Social media is always flooded with promises to get in shape, eat healthier and… hustle?

In hustle culture, it seems as though there’s no such thing as too much work. Nights, weekends and holidays are really just more time to be pushing towards your dreams and hobbies are just side hustles waiting to be monetized. Plus, with freelancing on the rise, there really is nothing stopping someone from making the most out of their 24 hours.

Hustle culture will have you believe that a full-time job isn’t enough. Is that true?

Although it’s a bit outdated, Gallup’s 2014 report on full-time US workers gives us an alarming glimpse into the effects of the hustle. For starters, 50% of full-time workers reported working over 40 hours a week – in fact, the average weekly hours for salaried employees was up to 49 hours.

So, what’s the deal with 40 hours anyway? The 40 hour work-week actually started with labor rights activists in the 1800s pushing for an 8 hour workday.
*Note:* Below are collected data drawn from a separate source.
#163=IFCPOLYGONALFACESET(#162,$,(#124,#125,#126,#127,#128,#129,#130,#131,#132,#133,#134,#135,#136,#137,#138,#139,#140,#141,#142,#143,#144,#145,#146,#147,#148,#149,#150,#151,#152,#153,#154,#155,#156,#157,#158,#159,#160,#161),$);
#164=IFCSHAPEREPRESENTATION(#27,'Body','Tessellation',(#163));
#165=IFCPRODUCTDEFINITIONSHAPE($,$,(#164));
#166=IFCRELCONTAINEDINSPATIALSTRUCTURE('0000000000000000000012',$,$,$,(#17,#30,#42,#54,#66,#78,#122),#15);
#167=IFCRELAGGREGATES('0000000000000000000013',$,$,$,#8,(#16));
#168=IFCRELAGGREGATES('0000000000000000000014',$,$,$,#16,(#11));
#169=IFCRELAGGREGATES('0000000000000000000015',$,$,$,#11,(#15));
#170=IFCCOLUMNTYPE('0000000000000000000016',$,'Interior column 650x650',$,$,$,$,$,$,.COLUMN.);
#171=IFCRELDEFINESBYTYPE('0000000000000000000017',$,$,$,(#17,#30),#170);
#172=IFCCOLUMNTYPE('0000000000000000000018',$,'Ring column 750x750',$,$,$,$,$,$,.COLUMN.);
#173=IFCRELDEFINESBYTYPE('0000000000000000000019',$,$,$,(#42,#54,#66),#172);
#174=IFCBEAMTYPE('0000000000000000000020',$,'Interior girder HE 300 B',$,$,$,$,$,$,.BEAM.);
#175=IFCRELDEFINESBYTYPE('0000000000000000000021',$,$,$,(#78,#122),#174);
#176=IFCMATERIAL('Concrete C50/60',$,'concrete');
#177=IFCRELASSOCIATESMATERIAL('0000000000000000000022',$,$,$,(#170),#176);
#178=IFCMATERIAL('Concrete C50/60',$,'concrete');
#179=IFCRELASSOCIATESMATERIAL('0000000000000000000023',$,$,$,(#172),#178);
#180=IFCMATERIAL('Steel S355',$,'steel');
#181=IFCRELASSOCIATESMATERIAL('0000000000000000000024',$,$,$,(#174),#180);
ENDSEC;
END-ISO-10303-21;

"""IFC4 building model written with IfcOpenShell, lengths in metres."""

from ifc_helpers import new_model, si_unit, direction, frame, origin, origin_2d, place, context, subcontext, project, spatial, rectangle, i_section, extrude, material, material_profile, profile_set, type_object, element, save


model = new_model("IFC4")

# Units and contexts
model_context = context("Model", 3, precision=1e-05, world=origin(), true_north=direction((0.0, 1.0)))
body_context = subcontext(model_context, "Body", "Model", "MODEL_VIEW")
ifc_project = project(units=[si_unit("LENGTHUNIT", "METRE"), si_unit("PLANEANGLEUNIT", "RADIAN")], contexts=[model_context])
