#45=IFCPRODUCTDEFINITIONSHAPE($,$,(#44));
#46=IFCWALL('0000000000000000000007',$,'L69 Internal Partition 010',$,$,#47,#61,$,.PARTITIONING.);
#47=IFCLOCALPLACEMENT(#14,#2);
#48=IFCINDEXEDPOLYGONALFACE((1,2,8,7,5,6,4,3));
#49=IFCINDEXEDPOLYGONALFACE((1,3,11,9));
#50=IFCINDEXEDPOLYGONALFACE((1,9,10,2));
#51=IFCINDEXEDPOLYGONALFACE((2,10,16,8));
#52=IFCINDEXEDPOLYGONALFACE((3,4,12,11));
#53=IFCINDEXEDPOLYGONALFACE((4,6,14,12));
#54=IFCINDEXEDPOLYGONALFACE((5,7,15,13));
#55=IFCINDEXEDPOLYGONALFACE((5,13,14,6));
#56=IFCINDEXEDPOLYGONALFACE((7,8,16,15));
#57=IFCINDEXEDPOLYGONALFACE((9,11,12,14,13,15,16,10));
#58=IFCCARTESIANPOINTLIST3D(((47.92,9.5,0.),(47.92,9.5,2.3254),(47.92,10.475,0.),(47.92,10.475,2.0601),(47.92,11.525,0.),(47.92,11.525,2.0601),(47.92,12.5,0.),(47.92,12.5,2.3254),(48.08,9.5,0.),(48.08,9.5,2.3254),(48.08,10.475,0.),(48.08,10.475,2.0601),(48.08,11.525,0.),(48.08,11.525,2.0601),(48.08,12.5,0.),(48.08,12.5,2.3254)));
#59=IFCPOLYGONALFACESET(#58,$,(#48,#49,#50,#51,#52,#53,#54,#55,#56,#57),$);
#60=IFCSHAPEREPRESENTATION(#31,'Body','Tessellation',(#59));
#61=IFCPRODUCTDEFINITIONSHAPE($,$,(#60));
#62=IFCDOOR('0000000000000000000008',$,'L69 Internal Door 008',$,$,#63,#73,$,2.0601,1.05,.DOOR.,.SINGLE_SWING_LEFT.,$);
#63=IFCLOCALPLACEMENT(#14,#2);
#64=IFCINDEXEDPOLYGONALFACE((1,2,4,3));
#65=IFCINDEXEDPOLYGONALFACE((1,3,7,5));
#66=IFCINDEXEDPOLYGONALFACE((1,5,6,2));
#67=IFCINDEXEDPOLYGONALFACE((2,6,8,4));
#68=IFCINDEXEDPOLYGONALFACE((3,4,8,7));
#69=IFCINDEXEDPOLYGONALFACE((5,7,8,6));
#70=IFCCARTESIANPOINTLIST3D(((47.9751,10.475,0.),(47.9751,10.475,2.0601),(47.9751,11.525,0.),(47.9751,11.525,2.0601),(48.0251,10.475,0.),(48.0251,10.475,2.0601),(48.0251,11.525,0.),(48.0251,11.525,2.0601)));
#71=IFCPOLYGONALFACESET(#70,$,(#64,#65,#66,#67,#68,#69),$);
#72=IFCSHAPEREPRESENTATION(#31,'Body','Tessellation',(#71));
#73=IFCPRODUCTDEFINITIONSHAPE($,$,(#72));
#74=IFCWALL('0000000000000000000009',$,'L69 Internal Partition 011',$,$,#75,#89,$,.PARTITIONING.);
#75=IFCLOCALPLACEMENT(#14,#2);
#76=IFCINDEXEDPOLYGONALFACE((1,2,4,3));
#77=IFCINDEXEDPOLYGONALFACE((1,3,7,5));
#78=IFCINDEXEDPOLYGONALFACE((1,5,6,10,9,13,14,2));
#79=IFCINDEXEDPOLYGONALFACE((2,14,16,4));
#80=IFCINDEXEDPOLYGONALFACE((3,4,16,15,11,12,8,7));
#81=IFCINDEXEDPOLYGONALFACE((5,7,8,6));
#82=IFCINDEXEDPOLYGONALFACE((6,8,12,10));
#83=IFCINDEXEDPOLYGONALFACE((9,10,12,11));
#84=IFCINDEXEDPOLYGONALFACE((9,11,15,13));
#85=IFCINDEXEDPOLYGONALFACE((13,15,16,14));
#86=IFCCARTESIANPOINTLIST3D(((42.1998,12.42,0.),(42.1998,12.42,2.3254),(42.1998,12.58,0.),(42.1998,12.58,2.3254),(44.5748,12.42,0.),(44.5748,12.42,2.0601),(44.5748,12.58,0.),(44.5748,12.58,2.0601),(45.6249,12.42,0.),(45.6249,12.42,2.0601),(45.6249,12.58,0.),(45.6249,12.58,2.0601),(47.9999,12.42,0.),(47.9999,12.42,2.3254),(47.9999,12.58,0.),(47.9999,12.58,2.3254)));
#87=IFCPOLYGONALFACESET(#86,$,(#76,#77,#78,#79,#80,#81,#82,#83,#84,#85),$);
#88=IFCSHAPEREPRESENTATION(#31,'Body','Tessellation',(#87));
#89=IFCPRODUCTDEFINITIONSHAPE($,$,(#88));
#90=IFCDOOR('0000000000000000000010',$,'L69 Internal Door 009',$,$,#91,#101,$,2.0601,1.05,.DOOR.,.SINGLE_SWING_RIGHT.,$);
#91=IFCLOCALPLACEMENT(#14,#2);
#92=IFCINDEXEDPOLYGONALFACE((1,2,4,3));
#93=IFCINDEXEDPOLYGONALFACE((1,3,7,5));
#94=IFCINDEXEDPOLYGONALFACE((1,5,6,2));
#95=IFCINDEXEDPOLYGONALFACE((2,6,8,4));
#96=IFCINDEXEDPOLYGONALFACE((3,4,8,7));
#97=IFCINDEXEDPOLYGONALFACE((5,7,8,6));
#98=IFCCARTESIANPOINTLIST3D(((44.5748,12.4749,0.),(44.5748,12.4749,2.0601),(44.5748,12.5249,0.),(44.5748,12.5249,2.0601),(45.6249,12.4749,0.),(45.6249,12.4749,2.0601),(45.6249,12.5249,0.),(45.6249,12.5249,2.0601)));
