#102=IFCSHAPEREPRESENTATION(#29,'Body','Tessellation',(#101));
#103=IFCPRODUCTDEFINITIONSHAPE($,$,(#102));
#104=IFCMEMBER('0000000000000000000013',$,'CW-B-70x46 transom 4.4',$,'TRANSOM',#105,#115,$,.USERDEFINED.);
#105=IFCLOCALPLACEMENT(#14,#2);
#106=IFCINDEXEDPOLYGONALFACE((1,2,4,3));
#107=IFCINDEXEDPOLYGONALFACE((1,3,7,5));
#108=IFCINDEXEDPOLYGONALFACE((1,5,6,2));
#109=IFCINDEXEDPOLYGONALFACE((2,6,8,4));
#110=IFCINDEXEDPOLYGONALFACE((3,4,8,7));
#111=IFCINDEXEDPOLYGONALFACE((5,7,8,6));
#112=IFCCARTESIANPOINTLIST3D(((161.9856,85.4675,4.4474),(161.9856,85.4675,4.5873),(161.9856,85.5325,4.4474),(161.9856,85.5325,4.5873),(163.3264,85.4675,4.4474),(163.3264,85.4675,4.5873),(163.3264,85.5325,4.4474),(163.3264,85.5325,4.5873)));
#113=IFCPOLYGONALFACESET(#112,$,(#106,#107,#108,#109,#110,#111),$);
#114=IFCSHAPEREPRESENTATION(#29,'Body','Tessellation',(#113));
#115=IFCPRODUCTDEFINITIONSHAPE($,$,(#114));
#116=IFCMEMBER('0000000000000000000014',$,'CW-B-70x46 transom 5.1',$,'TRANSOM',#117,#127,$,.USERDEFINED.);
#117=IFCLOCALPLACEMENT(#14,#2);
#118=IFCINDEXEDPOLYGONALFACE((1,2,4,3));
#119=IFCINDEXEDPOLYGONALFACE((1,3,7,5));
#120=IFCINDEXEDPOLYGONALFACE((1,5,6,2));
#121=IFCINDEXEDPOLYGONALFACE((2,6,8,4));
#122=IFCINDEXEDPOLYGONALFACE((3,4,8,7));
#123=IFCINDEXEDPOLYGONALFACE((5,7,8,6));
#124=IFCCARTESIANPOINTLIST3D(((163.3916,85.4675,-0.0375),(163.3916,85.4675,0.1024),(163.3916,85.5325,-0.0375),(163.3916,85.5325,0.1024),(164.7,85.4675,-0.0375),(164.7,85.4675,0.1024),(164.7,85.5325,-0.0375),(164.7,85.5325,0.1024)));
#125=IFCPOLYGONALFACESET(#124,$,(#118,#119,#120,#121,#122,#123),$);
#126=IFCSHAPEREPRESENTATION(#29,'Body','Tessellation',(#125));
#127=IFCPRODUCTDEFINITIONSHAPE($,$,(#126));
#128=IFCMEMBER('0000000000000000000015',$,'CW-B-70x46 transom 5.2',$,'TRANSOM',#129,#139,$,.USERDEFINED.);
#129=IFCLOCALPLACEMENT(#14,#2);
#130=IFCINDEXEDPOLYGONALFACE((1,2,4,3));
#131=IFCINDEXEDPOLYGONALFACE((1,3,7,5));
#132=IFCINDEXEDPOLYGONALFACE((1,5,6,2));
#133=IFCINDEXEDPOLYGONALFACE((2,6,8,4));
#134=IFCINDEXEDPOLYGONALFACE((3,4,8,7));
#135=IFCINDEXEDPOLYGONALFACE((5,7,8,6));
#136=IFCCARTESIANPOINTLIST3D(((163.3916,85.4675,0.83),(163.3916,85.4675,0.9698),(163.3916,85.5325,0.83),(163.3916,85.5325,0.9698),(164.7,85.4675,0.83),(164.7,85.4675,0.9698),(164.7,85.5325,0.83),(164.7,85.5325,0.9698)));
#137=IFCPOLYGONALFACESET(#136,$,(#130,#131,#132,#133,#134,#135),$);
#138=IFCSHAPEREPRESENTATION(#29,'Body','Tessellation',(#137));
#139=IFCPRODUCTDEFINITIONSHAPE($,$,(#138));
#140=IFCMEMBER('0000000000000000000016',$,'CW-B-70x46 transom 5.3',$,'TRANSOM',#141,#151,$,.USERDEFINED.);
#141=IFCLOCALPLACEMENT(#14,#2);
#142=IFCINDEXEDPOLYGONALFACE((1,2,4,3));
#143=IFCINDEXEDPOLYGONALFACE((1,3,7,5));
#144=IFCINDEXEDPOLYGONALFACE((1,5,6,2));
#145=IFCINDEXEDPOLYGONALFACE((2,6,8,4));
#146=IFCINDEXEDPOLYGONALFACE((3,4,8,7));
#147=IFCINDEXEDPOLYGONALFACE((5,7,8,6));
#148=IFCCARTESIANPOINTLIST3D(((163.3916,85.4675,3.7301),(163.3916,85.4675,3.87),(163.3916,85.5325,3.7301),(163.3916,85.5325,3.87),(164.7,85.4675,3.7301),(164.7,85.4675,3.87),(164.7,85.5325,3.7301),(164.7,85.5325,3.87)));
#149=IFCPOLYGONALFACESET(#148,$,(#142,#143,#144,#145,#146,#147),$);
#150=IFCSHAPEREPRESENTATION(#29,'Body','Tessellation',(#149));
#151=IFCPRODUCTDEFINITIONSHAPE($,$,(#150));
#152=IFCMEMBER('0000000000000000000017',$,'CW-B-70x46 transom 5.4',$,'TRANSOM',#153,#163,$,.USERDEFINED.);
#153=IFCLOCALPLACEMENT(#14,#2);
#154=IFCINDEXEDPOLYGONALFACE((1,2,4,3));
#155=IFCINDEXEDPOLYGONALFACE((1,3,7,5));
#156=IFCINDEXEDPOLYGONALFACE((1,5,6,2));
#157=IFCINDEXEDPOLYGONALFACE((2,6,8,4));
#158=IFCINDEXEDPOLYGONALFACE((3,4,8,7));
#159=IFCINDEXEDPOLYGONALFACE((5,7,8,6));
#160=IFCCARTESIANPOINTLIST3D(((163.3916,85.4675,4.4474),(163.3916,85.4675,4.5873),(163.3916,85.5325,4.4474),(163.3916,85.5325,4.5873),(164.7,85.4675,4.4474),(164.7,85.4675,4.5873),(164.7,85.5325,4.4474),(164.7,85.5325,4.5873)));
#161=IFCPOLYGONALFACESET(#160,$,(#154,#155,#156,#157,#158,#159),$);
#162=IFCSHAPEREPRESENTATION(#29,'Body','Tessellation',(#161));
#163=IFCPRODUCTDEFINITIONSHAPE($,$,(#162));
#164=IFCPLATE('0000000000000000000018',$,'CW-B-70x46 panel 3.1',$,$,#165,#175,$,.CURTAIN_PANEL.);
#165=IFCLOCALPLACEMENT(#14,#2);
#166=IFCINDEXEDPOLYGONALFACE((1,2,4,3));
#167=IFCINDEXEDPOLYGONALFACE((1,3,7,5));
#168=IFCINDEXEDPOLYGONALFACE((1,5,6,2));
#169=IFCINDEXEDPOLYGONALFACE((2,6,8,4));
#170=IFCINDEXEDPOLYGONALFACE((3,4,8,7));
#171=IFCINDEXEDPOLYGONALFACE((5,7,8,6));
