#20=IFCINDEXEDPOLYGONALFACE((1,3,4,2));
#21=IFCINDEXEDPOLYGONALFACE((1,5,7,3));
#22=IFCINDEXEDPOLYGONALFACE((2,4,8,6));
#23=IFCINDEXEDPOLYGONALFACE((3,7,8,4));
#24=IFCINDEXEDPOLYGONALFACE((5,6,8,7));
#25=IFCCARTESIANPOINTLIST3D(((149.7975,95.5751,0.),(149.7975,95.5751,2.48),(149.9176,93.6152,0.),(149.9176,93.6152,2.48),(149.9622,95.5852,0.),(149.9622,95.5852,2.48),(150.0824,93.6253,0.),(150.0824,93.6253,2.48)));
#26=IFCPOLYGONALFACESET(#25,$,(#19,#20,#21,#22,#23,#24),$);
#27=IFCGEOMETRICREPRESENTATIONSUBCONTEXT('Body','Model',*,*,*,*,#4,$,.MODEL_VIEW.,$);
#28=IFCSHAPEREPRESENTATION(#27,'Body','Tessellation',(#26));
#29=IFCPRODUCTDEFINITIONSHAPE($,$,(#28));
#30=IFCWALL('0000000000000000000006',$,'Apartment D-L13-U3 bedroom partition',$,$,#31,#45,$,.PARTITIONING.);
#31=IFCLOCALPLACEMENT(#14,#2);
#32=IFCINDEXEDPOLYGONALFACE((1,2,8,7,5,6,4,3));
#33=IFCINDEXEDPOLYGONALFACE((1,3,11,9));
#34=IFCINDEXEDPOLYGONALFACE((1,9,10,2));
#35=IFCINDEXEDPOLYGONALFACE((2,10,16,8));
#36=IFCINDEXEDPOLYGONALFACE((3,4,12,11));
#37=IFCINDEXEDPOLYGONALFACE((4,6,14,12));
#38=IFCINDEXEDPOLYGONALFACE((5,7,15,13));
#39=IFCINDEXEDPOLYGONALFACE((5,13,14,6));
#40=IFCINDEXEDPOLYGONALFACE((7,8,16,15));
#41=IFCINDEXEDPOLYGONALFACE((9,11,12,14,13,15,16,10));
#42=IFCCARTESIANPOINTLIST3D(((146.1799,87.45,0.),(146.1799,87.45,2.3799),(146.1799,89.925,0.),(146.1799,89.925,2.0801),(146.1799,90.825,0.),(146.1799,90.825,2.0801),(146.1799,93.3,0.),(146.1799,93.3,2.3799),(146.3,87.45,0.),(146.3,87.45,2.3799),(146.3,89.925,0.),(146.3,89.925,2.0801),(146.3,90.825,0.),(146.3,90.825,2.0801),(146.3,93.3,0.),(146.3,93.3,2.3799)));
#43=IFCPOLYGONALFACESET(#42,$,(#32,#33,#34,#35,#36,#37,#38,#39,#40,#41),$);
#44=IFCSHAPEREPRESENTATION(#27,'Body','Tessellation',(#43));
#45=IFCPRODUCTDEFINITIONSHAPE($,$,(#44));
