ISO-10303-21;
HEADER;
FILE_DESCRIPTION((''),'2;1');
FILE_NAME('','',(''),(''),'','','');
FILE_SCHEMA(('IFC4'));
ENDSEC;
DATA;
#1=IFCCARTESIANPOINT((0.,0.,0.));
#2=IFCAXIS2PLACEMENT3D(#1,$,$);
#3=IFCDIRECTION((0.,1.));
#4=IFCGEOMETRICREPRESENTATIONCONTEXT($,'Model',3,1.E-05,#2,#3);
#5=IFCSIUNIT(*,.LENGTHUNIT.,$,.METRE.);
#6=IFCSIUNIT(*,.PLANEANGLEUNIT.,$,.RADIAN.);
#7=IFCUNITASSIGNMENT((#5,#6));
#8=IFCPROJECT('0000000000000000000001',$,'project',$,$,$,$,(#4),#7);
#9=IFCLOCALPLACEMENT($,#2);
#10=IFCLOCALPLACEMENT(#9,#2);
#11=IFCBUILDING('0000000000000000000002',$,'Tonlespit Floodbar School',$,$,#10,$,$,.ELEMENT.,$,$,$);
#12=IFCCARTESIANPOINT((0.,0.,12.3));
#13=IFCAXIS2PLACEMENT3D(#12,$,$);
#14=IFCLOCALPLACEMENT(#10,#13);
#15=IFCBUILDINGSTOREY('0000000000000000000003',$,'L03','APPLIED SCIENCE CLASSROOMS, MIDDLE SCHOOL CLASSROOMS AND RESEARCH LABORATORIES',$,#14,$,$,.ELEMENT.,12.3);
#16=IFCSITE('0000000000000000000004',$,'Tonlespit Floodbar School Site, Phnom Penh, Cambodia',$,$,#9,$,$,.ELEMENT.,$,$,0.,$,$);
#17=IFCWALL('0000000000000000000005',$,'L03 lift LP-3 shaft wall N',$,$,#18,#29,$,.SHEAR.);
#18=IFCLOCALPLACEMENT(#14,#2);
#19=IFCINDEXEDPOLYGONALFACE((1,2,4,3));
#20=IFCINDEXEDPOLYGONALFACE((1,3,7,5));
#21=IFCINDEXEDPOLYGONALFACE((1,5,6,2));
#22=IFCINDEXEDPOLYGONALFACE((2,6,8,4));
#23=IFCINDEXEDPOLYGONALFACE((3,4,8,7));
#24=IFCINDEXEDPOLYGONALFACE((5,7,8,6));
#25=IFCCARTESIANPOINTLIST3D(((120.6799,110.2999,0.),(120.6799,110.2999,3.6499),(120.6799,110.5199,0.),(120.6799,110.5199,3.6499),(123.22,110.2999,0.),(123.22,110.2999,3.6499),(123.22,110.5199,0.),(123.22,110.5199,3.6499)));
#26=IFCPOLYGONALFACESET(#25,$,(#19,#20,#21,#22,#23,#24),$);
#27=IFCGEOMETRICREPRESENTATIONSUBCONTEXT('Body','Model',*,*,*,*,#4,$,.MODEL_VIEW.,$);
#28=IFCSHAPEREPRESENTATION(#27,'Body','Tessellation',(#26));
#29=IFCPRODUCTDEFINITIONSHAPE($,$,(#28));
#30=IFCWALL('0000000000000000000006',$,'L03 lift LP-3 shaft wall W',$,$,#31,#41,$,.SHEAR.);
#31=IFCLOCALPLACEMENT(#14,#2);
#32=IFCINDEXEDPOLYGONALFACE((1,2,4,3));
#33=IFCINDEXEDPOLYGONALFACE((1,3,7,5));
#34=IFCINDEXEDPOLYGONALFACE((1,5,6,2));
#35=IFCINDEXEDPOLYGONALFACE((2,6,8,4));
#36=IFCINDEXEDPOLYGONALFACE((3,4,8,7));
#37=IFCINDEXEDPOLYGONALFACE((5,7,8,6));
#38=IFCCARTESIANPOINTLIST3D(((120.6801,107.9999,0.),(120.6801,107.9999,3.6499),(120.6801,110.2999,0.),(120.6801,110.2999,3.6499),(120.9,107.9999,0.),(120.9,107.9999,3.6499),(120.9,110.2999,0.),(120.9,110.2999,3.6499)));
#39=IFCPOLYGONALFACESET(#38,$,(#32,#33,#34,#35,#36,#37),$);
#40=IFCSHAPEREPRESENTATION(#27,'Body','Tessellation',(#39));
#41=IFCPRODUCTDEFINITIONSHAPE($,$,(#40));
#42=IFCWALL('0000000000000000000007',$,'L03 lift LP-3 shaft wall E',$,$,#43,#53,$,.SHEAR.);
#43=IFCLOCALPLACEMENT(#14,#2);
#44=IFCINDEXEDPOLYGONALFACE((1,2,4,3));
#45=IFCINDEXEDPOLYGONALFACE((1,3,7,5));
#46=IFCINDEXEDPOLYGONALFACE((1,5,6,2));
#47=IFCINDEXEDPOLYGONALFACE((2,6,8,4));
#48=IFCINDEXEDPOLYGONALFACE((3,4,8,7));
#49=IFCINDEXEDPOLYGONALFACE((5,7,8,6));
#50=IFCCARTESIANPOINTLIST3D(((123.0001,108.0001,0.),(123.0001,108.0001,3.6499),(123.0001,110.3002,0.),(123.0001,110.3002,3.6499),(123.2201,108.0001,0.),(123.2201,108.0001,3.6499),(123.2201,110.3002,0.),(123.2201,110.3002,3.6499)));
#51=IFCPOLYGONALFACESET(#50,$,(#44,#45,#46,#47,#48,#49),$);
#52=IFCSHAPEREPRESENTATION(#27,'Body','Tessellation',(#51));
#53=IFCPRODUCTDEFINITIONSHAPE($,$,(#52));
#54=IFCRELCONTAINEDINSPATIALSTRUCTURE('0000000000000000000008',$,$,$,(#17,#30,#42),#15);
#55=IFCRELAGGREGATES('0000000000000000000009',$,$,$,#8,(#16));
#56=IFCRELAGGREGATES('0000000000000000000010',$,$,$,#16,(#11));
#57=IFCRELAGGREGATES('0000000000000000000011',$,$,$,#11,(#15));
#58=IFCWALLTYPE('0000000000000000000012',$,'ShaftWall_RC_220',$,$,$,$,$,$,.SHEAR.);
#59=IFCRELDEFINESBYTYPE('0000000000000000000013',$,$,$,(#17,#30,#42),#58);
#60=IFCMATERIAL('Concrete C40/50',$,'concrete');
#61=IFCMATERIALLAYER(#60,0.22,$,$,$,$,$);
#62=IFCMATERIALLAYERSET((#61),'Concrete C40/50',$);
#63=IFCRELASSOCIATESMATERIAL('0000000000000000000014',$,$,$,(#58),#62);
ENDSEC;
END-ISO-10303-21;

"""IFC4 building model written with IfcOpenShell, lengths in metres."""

from ifc_helpers import new_model, si_unit, direction, frame, frame_2d, origin, place, context, subcontext, project, spatial, rectangle, extrude, material, layer, layer_set, type_object, element, save


model = new_model("IFC4")

# Units and contexts
model_context = context("Model", 3, precision=1e-05, world=origin(), true_north=direction((0.0, 1.0)))
body_context = subcontext(model_context, "Body", "Model", "MODEL_VIEW")
ifc_project = project(units=[si_unit("LENGTHUNIT", "METRE"), si_unit("PLANEANGLEUNIT", "RADIAN")], contexts=[model_context])

# Site, building, storey
site_placement = place(None, origin())
site = spatial("IfcSite", under=ifc_project, at=site_placement, Name="Tonlespit Floodbar School Site, Phnom Penh, Cambodia", CompositionType="ELEMENT", RefElevation=0.0)
building_placement = place(site_placement, origin())
building = spatial("IfcBuilding", under=site, at=building_placement, Name="Tonlespit Floodbar School", CompositionType="ELEMENT")
storey_placement = place(building_placement, frame((0.0, 0.0, 12.3)))
storey = spatial("IfcBuildingStorey", under=building, at=storey_placement, Name="L03", Description="APPLIED SCIENCE CLASSROOMS, MIDDLE SCHOOL CLASSROOMS AND RESEARCH LABORATORIES", CompositionType="ELEMENT", Elevation=12.3)

# Shared definitions
ifc_material_1 = material(Name="Concrete C40/50", Category="concrete")
ifc_layer_1 = layer(ifc_material_1, 0.22)
ifc_layer_set_1 = layer_set([ifc_layer_1], Name="Concrete C40/50")
wall_type_1 = type_object("IfcWallType", Name="ShaftWall_RC_220", PredefinedType="SHEAR", material=ifc_layer_set_1)

# Walls
wall_1_placement = place(storey_placement, frame((120.6799, 110.4099, 0.0), z_axis=(0.0, 0.0, 1.0), x_axis=(1.0, 0.0, 0.0)))
element("IfcWall", 1, at=wall_1_placement, inside=storey, type_object=wall_type_1, Name="L03 lift LP-3 shaft wall N", PredefinedType="SHEAR", context=body_context, shape_type="SweptSolid", body=[
    extrude(rectangle(XDim=2.54, YDim=0.22, at=frame_2d((1.27, 0.0))), origin(), (0.0, 0.0, 1.0), 3.6499),
])
for number, where, z_axis, x_axis, name in (
    (2, (120.79, 108.0, 0.0), (0.0, 0.0, 1.0), (0.0, 1.0, 0.0), "L03 lift LP-3 shaft wall W"),
    (3, (123.1101, 110.3, 0.0), (0.0, 0.0, 1.0), (0.0, -1.0, 0.0), "L03 lift LP-3 shaft wall E"),
):
    element("IfcWall", number, at=place(storey_placement, frame(where, z_axis=z_axis, x_axis=x_axis)), inside=storey, type_object=wall_type_1, Name=name, PredefinedType="SHEAR", context=body_context, shape_type="SweptSolid", body=[
        extrude(rectangle(XDim=2.3, YDim=0.22, at=frame_2d((1.1499, 0.0))), origin(), (0.0, 0.0, 1.0), 3.6499),
    ])

save(model, "model.ifc")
In 1817, Robert Owen, a Welsh activist, reasoned this workday provided: “eight hours labor, eight hours recreation, eight hours rest.”

If you do the math, that’s a whopping 66% of the day devoted to personal needs, rather than labor!

Of course, it’s only natural to be skeptical of logic from two centuries ago coloring the way we do business in the 21st century. For starters, there’s plenty of labor to be done outside of the labor you’re paid to do. Meal prep, house cleaning, child care… that’s all work that needs to be done. It’s also all work that some of your favorite influencers are paying to get done while they pursue the “hustle.” For the average human, that would all be additional work to fall in the ‘recreation’ category.

But I digress. Is 40 hours a week really enough in the modern age? After all, average hours in the United States have increased.

Well… probably not. In fact, when hours are reduced (France, for instance, limited maximum hours to 35 hours a week, instead of 40), workers are not only more likely to be healthier and happier, but more efficient and less likely to miss work!

So, instead of following through with the goal to work more this year, maybe consider slowing the hustle. It might actually be more effective in the long run!